As mentioned above, OS of MTC patients is significantly reduced in the presence of metastases (2). Besides the local effects caused by metastases in the liver, bone, lung, and mediastinal region, patients with advanced MTC may suffer from diarrhea (due to hypercalcitoninemia) or from Cushing’s syndrome due to ectopic ACTH or CRH secretion (1). Remarkably, TKI treatment might cause side effects, diminishing the patient’s quality of life. The more common adverse effects are gastrointestinal (diarrhea, nausea, and decreased appetite), cardiovascular (hypertension, QTc prolongation), dermatological (acne, skin rash), and general symptoms such as fatigue (6). Adverse events may occur in mild or severe forms; dose reduction may lead to improvement of side effects in mild cases while in severe forms Vandetanib should be interrupted until symptoms improve (7). Since metastatic MTC is incurable, it is necessary to consider that usually TKI treatment must be continued chronically, and the above side effects may impact on the patients’ quality of life (6). Furthermore, the long-term effects of the chronic use of Vandetanib are not known (1). Therefore, once metastases have appeared and/or there is a local cervical invasion, the clinician must carefully identify the best treatment considering the possibility to slow tumor progression but also the risk of side effects in the context of the best quality of life possible (8). On this ground, recent studies are proposing alternative treatments that could lead to a more individually tailored treatment (21).

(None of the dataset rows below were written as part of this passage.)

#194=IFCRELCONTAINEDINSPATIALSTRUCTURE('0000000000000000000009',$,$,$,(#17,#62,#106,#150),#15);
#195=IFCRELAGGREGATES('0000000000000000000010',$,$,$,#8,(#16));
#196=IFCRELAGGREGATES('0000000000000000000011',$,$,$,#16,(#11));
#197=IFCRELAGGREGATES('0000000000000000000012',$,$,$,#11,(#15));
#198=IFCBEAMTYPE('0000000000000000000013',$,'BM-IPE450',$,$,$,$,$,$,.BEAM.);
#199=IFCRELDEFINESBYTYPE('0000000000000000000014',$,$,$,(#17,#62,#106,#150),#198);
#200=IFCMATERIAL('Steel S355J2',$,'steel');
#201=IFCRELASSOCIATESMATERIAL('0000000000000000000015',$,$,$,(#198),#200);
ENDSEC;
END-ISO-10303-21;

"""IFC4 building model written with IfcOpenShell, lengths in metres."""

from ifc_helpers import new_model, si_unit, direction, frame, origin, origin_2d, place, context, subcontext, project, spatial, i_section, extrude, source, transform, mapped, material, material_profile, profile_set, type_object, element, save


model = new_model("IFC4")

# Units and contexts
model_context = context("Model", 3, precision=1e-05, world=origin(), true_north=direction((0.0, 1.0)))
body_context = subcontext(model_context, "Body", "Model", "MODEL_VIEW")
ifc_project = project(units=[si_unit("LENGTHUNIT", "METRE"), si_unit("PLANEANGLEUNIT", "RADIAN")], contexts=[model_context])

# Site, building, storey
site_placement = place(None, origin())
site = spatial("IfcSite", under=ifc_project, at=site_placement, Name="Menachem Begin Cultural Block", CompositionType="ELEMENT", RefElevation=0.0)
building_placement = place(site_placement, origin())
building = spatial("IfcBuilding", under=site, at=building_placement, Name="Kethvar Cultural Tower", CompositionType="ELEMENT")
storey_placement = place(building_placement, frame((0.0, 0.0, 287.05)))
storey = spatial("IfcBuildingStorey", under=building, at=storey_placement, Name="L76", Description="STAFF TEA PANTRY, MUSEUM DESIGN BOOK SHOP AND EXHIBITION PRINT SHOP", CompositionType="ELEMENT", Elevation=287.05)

A meta-analysis on TKIs for advanced metastatic thyroid cancer, including several cancer types, has been recently published. Six RCTs were included, one of which herein included also (13). Higher PFS was reported among Vandetanib- and Cabozantinib-treated patients with respect to controls (HR = 0.36; 95% CI, 0.22–0.58) (22). However, since these authors included in their meta-analysis studies with different therapies, their results could not be compared with those in our meta-analysis.

Limitations

Some potential limitations of our meta-analysis should be addressed. According to our search strategy, we could find both RCTs and OLSs. The study design of these papers was obviously highly different (duration of the study, dose of Vandetanib used) and the series included different patient types (i.e., adults/adolescents, patients previously treated with systemic therapy or not, hereditary/sporadic MTC). Also, some studies adopted RECIST 1.0 (9) to evaluate the response to therapy, while others used the version 1.1 (10). All of these discrepancies might affect the herein reported pooled results. On February 2018, then after our literature search, an update of NCT00514046 was published by Kraft et al. (23); endpoints according to RECIST did not differ from the one reported by Akshintala et al. (16).

Conclusion

This study demonstrates that a negligible rate of patients with advanced MTC treated by Vandetanib has a CR at the end of the study and less than a half has SD. Vandetanib, the most largely used therapy in advanced MTC, should be considered as a promising treatment in these patients. However, data on RECIST endpoints to be analyzed are limited, and the overall evidence on the efficacy of Vandetanib in advanced MTC should thus be considered as low at present. Furthermore, RCTs are needed to obtain more robust information, especially in terms of OS.

Ethics Statement

This article does not contain any studies with human participants or animals performed by any of the authors.

Author’s Note

This systematic review was registered in PROSPERO (n = CRD42017081537).

Author Contributions

PT, MC, and LG conceived and designed the study. PT, MC, and CV performed the literature search; PT analyzed the data; FG and LG critically reviewed the results. All the authors contributed to write the manuscript.

Conflict of Interest Statement

The authors declare that the research was conducted in the absence of any commercial or financial relationships that could be construed as a potential conflict of interest.